Your signature on the message verifies for everyone that the message is verifying block database integrity bitcoin values. The complete history of transactions is kept by everyone, so anyone can verify who is the current owner of any particular group of coins. This complete record of transactions is kept in the block chainwhich is a sequence of records called blocks.

All computers in the network have a copy of the block chain, which they keep updated by passing along new blocks to each other. Each block contains a group of transactions that have been sent since the previous block. In order to preserve the integrity of the verifying block database integrity bitcoin values chain, each block in the chain confirms the integrity of the previous one, all the way back to the first one, the genesis block.

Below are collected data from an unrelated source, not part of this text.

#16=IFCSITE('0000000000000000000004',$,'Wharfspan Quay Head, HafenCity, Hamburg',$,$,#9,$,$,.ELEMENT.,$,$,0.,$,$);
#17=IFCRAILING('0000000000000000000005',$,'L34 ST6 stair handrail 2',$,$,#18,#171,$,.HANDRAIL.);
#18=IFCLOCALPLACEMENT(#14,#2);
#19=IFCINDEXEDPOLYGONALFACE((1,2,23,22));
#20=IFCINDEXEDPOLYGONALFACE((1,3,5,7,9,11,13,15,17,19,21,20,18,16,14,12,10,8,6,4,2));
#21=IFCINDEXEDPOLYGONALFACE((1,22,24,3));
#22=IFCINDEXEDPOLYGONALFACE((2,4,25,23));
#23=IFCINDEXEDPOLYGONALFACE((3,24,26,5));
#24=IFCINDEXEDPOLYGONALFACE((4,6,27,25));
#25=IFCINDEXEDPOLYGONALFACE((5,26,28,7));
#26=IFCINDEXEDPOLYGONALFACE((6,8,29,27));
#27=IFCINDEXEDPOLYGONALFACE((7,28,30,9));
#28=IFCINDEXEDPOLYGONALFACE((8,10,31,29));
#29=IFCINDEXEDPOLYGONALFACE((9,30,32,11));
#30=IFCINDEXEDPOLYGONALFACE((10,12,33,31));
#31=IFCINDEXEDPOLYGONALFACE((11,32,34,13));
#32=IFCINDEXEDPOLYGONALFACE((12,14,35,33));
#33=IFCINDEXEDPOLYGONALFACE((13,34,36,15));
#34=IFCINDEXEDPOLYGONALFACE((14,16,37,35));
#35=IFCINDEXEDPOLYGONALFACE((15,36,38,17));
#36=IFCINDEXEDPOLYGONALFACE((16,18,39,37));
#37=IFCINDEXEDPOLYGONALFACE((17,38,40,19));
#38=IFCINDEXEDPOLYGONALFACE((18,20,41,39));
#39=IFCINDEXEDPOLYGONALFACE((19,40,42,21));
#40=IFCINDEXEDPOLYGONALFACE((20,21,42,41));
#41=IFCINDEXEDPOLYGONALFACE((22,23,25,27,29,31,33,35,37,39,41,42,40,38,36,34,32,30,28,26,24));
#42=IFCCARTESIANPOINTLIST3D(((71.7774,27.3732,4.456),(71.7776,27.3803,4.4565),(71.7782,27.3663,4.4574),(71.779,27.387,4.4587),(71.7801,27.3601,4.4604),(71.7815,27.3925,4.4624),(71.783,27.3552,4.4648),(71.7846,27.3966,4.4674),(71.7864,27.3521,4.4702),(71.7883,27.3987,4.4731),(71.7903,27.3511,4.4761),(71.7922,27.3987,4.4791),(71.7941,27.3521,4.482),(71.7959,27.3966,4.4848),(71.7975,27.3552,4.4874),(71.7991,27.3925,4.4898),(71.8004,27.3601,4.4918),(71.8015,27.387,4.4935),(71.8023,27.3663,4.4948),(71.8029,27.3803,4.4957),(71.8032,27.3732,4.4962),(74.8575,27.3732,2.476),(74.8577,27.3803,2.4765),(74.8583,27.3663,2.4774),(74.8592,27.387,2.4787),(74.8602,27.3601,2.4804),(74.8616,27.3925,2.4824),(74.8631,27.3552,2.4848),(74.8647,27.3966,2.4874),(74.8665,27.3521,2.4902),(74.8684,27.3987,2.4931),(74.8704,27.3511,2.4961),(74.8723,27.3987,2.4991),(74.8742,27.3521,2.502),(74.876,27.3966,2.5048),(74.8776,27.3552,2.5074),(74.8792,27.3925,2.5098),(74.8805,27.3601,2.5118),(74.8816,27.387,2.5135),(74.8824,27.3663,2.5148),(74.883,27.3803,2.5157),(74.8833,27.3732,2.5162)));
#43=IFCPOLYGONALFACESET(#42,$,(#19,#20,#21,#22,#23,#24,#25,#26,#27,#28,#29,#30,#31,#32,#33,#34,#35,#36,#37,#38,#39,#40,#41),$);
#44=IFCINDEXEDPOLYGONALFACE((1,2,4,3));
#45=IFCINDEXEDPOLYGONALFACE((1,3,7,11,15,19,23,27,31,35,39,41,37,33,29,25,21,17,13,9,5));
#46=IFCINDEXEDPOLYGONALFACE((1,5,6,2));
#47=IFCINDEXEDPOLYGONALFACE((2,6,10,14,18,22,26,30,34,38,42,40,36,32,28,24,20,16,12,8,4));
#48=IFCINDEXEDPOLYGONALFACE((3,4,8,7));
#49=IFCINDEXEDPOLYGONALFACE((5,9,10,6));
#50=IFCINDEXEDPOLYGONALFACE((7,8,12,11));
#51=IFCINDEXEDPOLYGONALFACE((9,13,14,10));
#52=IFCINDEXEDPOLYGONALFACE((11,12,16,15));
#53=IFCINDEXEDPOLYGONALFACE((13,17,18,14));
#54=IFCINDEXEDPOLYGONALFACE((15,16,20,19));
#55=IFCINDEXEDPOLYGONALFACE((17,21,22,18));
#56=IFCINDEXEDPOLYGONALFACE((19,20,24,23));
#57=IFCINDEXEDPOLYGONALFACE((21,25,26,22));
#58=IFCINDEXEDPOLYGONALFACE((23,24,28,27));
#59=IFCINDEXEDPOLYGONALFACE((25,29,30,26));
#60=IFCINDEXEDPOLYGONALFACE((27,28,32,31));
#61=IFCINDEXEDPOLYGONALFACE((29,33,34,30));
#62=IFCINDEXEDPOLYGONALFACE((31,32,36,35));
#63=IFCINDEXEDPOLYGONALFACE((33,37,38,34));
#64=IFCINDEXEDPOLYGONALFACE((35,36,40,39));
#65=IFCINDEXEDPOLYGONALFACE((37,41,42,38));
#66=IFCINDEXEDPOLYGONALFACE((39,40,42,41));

Record insertion is costly because each block must meet certain requirements that make it difficult to generate a valid block. This way, no party can overwrite previous verifying block database integrity bitcoin values by just forking the chain.

To make generating bitcoins difficult the Hashcash cost-function is used. Hashcash is the first secure efficiently verifiable cost-function verifying block database integrity bitcoin values proof-of-work function. The beauty of hashcash is that is is non-interactive and has no secret keys that have to be managed by a central server or relying party; hashcash is as a result fully distributed and infinitely scalable.

In bitcoin, integrity, block-chaining, and the hashcash cost-function all use SHA as the underlying cryptographic hash function. A cryptographic hash function essentially takes input data which can be of practically any size, and transforms it, in an effectively-impossible to reverse or to predict way, into a relatively compact string in the case of SHA the hash is 32 bytes.

Making the slightest change to the input data changes its hash unpredictably, so nobody can create a different block of data that gives exactly the same hash. Therefore, by being given a compact hash, you can confirm that it matches only a particular input datum, and in bitcoin the input data being a block-chain is significantly larger than the SHA hash.

This way, Bitcoin blocks don't have to contain serial numbers, as blocks can be identified by their hash, which serves the dual purpose of identification as well as integrity verification. An identification string that also provides its own integrity is called a self-certifying identifier. The hashcash difficulty factor is verifying block database integrity bitcoin values by requiring that the hash output has a number of leading zeros.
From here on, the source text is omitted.